2.6.1 Notification to Affected Individuals
If applicable, a privacy breach notice will be provided by the firm to affected individuals and must include:
- A description of the circumstances of the breach.
- The date the breach occurred or the period over which it occurred, or, if specific dates are unknown, an approximation of the dates.
- A description of the personal information affected, as far as it can be determined.
- A description of the measures the practice has implemented to reduce the risks of harm resulting from the breach.
- A description of the measures affected individuals could take to reduce or mitigate harm resulting from the breach.
- Contact information for individuals to inquire further about the breach.
2.6.2 Notification to Regulatory Bodies for RRPG/RPS Breaches
- Submit a notice to the Commission d’accès à l’information (CAI) by downloading the Security Incident Report Form for personal information breaches from the CAI website.
- Submit a notice to the Office of the Privacy Commissioner of Canada (federal) using the PIPEDA Breach Report form.
- British Columbia – The law recommends reporting to the Office of the Privacy Commissioner if there is a real risk of serious harm. To determine if a notice is required, refer to the Privacy Breach Checklist from British Columbia.

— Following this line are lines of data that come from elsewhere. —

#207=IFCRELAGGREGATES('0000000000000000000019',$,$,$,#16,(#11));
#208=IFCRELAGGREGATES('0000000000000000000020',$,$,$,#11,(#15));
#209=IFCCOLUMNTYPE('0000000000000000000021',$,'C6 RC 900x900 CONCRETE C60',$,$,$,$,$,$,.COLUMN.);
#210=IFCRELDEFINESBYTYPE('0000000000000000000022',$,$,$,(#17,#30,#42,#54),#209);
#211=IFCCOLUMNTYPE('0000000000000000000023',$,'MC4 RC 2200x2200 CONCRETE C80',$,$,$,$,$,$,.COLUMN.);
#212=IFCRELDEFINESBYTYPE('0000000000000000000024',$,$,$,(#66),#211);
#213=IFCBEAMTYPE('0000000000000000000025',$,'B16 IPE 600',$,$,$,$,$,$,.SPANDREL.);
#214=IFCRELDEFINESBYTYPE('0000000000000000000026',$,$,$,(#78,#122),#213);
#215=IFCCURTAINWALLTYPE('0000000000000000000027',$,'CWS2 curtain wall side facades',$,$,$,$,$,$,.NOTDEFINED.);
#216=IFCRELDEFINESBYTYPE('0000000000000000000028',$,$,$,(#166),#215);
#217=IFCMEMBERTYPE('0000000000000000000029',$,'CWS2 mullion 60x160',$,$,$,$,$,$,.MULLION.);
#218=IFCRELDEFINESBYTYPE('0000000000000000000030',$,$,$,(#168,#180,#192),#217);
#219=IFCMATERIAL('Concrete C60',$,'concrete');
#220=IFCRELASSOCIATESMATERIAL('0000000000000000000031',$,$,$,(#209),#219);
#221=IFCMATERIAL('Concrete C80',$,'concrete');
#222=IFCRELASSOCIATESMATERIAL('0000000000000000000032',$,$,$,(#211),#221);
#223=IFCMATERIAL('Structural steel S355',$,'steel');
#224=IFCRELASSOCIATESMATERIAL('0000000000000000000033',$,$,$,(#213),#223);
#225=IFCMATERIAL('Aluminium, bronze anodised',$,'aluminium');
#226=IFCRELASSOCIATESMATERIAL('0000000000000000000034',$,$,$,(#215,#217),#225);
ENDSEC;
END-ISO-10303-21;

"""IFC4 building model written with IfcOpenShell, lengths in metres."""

- Submit a notice to the Office of the Information and Privacy Commissioner of Alberta using its Privacy Breach Report form.
2.7 Control Measure Improvement
Review all processes, system updates, and employee training, then make improvements as needed to prevent further incidents. As outlined in section 2.4 "Documentation Process," evaluate control measures that can be improved to minimize future risks and implement new control measures needed to address those risks.